THÉÂTRE: Sylvie Drapeau nage en grandes eaux

Fleuve, photos : Yves Renaud

Sylvie Drapeau et Angela Konrad ont créé un spectacle d’une grande beauté avec Fleuve au TNM. La tétralogie littéraire de l’autrice-comédienne prend la forme d’une crue printanière emportant grandes tragédies et petits drames sur son passage, laissant place au verbe et à la lumière, une fois à terre.

Sylvie Drapeau mentionne à un moment donné dans Fleuve que cette histoire est fictive. Sa plus jeune sœur lui a déjà dit d’ailleurs « c’est nous, mais c’est pas nous » à propos de ses romans. L’une des belles réussites de la pièce présentée au TNM c’est, justement, que la metteuse en scène Angela Konrad en fait une « histoire vraie, mais pas vraie ». Du théâtre quoi.

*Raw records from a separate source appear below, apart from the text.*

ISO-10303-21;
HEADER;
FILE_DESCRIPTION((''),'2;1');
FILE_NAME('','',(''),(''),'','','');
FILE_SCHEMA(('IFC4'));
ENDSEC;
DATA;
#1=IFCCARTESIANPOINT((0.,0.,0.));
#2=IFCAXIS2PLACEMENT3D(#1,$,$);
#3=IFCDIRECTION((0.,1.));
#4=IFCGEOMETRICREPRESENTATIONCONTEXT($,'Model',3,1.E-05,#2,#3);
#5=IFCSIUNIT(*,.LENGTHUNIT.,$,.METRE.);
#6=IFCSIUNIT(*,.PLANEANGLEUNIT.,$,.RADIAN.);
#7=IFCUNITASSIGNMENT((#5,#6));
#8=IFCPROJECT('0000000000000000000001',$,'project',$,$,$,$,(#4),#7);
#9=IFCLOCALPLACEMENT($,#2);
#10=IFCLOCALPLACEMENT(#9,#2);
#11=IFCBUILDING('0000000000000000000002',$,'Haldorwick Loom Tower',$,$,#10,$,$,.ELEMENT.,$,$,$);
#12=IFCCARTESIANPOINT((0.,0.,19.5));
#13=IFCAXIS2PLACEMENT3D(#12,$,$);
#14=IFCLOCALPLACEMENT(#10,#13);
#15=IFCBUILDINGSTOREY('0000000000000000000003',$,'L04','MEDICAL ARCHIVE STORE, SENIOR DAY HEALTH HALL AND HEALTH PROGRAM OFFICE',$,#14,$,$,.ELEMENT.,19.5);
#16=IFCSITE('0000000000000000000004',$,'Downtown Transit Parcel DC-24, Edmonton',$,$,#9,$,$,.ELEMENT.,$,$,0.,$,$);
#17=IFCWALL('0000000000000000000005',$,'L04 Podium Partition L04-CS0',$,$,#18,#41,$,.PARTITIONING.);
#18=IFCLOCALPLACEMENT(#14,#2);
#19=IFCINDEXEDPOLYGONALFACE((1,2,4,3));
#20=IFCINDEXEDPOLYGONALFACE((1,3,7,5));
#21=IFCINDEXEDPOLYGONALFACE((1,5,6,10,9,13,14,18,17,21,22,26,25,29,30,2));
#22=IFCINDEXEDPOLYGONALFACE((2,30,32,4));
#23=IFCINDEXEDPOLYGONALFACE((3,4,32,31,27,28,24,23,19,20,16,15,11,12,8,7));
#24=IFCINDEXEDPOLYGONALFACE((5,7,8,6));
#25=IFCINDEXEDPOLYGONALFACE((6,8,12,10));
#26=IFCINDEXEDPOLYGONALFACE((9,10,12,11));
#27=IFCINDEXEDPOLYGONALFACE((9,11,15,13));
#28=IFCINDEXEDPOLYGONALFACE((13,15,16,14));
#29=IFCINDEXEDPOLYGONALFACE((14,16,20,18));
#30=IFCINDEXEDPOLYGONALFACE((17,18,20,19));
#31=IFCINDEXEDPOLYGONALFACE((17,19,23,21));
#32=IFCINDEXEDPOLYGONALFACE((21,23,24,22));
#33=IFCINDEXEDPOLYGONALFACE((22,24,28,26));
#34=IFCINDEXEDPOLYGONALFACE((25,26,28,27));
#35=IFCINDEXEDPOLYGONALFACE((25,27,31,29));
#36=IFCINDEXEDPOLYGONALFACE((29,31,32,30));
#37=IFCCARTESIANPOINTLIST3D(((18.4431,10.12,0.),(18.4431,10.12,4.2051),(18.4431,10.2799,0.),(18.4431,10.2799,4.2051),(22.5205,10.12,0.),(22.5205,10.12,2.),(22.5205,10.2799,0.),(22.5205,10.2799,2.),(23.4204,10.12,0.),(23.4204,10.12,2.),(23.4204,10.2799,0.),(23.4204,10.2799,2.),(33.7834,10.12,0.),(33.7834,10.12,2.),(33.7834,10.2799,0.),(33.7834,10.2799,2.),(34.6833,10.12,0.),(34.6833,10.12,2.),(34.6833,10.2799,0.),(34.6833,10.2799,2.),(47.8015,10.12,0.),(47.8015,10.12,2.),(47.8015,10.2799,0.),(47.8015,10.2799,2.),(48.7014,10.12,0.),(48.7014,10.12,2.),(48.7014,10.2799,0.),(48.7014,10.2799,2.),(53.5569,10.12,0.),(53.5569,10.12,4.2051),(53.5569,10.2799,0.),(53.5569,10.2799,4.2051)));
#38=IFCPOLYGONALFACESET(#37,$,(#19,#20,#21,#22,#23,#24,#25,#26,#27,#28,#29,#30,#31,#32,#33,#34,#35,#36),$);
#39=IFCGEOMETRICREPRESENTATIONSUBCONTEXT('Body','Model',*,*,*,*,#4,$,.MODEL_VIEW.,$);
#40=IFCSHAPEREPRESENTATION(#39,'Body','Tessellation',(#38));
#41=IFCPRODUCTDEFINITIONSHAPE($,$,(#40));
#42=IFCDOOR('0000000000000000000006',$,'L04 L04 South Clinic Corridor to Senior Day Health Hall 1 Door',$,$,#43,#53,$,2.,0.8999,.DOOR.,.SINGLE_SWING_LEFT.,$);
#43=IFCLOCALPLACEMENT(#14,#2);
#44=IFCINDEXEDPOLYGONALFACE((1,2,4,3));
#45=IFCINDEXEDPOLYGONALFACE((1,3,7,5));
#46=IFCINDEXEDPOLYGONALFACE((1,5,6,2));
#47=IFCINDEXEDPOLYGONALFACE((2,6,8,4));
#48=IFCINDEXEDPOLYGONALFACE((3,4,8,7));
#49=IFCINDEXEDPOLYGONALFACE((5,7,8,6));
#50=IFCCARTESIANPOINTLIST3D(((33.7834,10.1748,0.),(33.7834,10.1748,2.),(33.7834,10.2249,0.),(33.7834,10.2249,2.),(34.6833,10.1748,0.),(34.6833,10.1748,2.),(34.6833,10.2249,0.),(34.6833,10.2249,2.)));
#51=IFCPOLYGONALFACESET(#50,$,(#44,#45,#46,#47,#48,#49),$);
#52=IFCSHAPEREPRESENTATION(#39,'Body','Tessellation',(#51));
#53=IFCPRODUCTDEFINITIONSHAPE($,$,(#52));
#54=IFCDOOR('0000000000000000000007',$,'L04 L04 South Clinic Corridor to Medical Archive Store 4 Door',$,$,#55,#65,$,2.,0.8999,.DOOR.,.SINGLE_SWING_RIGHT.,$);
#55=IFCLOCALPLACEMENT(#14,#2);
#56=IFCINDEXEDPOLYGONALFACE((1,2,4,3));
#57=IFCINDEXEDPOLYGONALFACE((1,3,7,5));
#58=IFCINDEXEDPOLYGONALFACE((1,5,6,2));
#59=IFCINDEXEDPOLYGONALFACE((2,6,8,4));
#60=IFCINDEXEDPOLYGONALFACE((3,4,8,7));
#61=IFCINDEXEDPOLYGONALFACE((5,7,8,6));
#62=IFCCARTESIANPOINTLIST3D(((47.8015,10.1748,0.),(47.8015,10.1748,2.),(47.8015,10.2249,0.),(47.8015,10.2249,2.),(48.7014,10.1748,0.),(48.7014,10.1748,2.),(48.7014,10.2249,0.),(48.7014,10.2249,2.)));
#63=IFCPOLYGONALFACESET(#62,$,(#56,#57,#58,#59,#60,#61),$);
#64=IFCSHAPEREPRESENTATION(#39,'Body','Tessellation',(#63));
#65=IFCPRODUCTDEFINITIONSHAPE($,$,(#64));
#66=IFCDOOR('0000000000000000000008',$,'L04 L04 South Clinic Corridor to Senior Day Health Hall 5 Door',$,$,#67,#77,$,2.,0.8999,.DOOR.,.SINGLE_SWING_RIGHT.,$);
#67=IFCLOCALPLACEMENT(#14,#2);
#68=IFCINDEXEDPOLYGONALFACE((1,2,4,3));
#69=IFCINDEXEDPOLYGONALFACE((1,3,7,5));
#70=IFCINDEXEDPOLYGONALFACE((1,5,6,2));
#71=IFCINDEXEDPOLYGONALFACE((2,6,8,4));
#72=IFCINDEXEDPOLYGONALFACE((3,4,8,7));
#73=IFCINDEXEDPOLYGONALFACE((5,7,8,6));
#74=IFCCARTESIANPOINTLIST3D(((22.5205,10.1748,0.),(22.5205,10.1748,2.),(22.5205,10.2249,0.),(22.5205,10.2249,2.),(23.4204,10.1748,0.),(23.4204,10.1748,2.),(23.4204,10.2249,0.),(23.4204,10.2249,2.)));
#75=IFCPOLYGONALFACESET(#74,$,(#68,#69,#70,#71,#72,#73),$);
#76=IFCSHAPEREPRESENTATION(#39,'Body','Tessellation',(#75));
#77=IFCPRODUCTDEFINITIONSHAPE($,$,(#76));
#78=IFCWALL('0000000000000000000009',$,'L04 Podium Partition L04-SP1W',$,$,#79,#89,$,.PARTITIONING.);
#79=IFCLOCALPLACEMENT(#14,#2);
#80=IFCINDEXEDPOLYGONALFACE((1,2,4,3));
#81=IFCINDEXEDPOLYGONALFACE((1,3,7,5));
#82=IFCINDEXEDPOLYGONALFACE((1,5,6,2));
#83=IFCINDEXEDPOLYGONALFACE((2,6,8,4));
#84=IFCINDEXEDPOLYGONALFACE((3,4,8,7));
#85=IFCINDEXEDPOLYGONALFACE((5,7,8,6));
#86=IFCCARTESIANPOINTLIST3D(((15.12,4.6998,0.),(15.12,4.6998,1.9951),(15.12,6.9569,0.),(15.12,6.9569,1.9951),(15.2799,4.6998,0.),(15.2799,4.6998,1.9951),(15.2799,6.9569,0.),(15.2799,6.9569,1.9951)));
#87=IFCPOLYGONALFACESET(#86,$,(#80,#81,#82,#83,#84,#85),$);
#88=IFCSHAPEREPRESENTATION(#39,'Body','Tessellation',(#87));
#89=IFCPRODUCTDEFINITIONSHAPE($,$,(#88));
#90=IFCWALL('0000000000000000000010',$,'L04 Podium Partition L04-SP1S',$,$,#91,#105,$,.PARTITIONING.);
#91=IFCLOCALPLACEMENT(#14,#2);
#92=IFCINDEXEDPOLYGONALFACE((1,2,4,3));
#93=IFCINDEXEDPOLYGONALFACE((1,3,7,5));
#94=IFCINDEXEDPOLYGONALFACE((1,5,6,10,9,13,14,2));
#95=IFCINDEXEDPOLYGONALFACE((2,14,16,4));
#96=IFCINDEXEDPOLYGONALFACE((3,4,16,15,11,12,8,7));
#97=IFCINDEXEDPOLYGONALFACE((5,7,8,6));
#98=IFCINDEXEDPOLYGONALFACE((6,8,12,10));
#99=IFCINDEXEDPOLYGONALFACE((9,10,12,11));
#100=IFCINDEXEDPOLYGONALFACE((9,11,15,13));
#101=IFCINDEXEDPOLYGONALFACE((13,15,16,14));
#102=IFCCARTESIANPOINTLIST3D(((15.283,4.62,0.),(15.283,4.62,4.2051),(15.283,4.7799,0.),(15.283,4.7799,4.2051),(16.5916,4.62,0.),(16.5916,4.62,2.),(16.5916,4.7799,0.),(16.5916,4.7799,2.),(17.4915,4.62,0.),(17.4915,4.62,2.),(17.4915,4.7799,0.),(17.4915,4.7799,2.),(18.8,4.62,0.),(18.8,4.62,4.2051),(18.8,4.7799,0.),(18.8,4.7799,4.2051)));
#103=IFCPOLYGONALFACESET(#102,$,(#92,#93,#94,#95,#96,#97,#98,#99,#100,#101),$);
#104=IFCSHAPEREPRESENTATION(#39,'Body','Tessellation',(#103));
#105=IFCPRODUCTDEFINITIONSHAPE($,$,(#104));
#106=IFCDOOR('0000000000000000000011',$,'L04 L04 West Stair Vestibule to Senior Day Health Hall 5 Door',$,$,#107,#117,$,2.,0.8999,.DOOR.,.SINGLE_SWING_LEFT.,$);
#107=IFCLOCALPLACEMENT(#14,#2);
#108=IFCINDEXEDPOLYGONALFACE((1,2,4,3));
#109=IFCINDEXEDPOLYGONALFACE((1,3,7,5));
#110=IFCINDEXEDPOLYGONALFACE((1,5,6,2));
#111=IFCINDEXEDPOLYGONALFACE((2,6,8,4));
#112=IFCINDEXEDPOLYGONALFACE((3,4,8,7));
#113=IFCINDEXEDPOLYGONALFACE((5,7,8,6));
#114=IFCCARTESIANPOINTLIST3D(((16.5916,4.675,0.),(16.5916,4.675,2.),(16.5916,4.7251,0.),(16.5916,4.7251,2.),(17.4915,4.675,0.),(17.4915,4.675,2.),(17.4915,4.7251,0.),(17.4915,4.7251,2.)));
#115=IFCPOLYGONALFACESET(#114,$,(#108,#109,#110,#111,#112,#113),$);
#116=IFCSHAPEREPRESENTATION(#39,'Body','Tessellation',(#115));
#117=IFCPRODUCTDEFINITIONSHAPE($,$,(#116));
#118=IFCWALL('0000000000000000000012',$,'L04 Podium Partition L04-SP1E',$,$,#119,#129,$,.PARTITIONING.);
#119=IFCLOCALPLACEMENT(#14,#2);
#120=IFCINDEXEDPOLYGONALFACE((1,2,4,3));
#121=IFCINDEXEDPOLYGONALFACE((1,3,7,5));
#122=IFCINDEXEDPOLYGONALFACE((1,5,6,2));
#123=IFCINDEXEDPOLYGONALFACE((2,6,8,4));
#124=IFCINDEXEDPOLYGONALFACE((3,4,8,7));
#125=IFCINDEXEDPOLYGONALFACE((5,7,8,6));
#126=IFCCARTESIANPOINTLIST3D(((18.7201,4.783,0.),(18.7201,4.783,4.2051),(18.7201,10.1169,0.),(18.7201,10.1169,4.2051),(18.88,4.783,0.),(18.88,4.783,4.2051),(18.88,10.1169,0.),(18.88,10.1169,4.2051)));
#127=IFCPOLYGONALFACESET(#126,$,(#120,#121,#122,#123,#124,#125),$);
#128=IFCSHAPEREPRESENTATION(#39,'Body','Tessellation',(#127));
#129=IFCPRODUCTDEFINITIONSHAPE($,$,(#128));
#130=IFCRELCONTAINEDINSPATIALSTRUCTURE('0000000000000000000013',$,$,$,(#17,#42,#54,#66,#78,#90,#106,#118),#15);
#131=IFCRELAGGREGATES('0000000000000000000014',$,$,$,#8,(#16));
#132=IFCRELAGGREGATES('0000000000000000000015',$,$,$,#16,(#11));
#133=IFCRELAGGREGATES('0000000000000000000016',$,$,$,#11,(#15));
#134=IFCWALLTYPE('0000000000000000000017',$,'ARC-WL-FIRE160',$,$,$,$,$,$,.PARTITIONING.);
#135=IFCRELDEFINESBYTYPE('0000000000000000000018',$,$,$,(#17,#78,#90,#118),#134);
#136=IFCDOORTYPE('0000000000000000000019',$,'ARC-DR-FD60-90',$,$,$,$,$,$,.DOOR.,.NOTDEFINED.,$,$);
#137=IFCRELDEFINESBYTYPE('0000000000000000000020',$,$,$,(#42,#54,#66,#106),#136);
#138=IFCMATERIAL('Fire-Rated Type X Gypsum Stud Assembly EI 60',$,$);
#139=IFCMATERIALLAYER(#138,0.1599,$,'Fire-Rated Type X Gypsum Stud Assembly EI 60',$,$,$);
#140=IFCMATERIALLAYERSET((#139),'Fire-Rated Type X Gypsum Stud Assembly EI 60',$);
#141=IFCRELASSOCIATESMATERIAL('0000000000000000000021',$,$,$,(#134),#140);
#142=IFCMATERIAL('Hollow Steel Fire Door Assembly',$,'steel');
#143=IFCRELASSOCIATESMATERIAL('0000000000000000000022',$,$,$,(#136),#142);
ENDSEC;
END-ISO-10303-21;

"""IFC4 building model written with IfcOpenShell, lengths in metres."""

from ifc_helpers import new_model, si_unit, direction, frame, frame_2d, origin, place, context, subcontext, project, spatial, rectangle, extrude, material, layer, layer_set, type_object, element, fill, save


model = new_model("IFC4")

# Units and contexts
model_context = context("Model", 3, precision=1e-05, world=origin(), true_north=direction((0.0, 1.0)))
body_context = subcontext(model_context, "Body", "Model", "MODEL_VIEW")
ifc_project = project(units=[si_unit("LENGTHUNIT", "METRE"), si_unit("PLANEANGLEUNIT", "RADIAN")], contexts=[model_context])

# Site, building, storey
site_placement = place(None, origin())
site = spatial("IfcSite", under=ifc_project, at=site_placement, Name="Downtown Transit Parcel DC-24, Edmonton", CompositionType="ELEMENT", RefElevation=0.0)
building_placement = place(site_placement, origin())
building = spatial("IfcBuilding", under=site, at=building_placement, Name="Haldorwick Loom Tower", CompositionType="ELEMENT")
storey_placement = place(building_placement, frame((0.0, 0.0, 19.5)))
storey = spatial("IfcBuildingStorey", under=building, at=storey_placement, Name="L04", Description="MEDICAL ARCHIVE STORE, SENIOR DAY HEALTH HALL AND HEALTH PROGRAM OFFICE", CompositionType="ELEMENT", Elevation=19.5)

# Wall, openings, doors
ifc_material_1 = material(Name="Fire-Rated Type X Gypsum Stud Assembly EI 60")
ifc_layer_1 = layer(ifc_material_1, 0.1599, Name="Fire-Rated Type X Gypsum Stud Assembly EI 60")
ifc_layer_set_1 = layer_set([ifc_layer_1], Name="Fire-Rated Type X Gypsum Stud Assembly EI 60")
wall_type_1 = type_object("IfcWallType", Name="ARC-WL-FIRE160", PredefinedType="PARTITIONING", material=ifc_layer_set_1)
wall_1_placement = place(storey_placement, frame((18.4431, 10.2, 0.0), z_axis=(0.0, 0.0, 1.0), x_axis=(1.0, 0.0, 0.0)))
wall_1 = element("IfcWall", 1, at=wall_1_placement, inside=storey, type_object=wall_type_1, Name="L04 Podium Partition L04-CS0", PredefinedType="PARTITIONING", context=body_context, shape_type="SweptSolid", body=[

La chronologie des quatre romans, basés sur les éléments, de Sylvie Drapeau – Le fleuve, Le ciel, L’enfer et La terre – est respectée. Trois narratrices se partagent le récit: l’enfant lumineuse, la jeune femme rebelle et la nageuse expérimentée. Elles racontent une vie marquée par les tragédies – noyade de l’aîné Roch, suicide du cadet Richard, la mort des parents et d’une sœur, la dépression de Sylvie -, mais surtout c’est l’histoire de la survie de femmes, la même, qui ont appris à nager avec le temps.

Sylvie Drapeau a écrit et adapté quatre beaux textes fort différents dans le style. La romancière passe d’une voix poétique à réaliste, d’un ton presque lyrique à une prose descriptive. À la scène, en attentive lectrice qu’elle est, Angela Konrad sait respecter les couleurs changeantes de ce fleuve, posant avec sobriété des phares pour éviter les écueils du « littéraire littéral ».

À se sujet, les magnifiques éclairages de Sonoyo Nishikawa et la scénographie d’Anick La Bissonnière transforment la grande scène du TNM en un espace où la parole peut émerger et l’interprétation nous émouvoir. Couleur du ciel et du fleuve, de l’intellect aussi, le bleu est privilégié, le noir du deuil, incontournable, et le blanc des nouveaux départs, aussi présent.

En outre, l’utilisation de la vidéo (Antonin Gougeon et Thomas Payette) et du son (conception et musique originale de Simon Gauthier avec un ajout avisé de la chanson Lindberg de Robert Charlebois) complètent la création d’un écrin théâtral de choix, élégant comme le propos, rigoureux comme la mise en scène.

Interprétation

Comme interprète, Sylvie Drapeau est à la fois narratrice, coryphée et Sylvie Drapeau-personnage- et/ou-elle-même. La grande comédienne peut tout faire, on le sait, en modulant sa voix et des intonations. Au moment voulu, c’est le corps qui devient le véhicule du drame, à d’autres, un simple geste de la main ou du bras. Elle nous rend complice de « sa vie », nous soutirant aussi bien les rires que les larmes.

Ses jeunes collègues de scène, pour la toute première fois au théâtre, Alice Bouchard (petite Sylvie, rôle joué en alternance avec Marion Vigneault) et Karelle Tremblay (Sylvie jeune femme) s’acquittent bien de leurs tâches difficiles sur ce grand et impitoyable plateau.

Alice Bouchard, en fait, est renversante d’aplomb et réagit en vraie professionnelle à la suite d’une réplique venue trop tôt de Sylvie Drapeau (lors de la première médiatique). De son côté, Karelle Tremblay possède un bagout inimitable, mais devra développer avec le temps une plus grande maîtrise des mouvements de son corps et de sa tête.

Grandes eaux

Fleuve est un grand spectacle en raison d’un travail consciencieux, issu d’une collaboration de quelques années entre Sylvie Drapeau et Angela Konrad. Cela offre un résultat admirable de beauté, de tendresse et de tragique. Un récit où la mort implacable vole des vies, mais où l’eau emporte, transporte et fait renaître, aussi.

De sa Côte Nord natale à Montréal, Sylvie Drapeau parle, sans le nommer, de son Québec, de cette contrée en terre hostile, d’un pays sans bon sens qui trouve justement sa raison de vivre dans la mémoire de ses personnages tragiques, de ses moments plus comiques, dans ses leçons et ses promesses aussi.

Retrouver le Fleuve, c’est connaître, aimer, désespérer et puis atteindre enfin la terre depuis les grandes eaux qui se confondent au ciel sans fin.

Fleuve est présenté au TNM jusqu’au 7 décembre.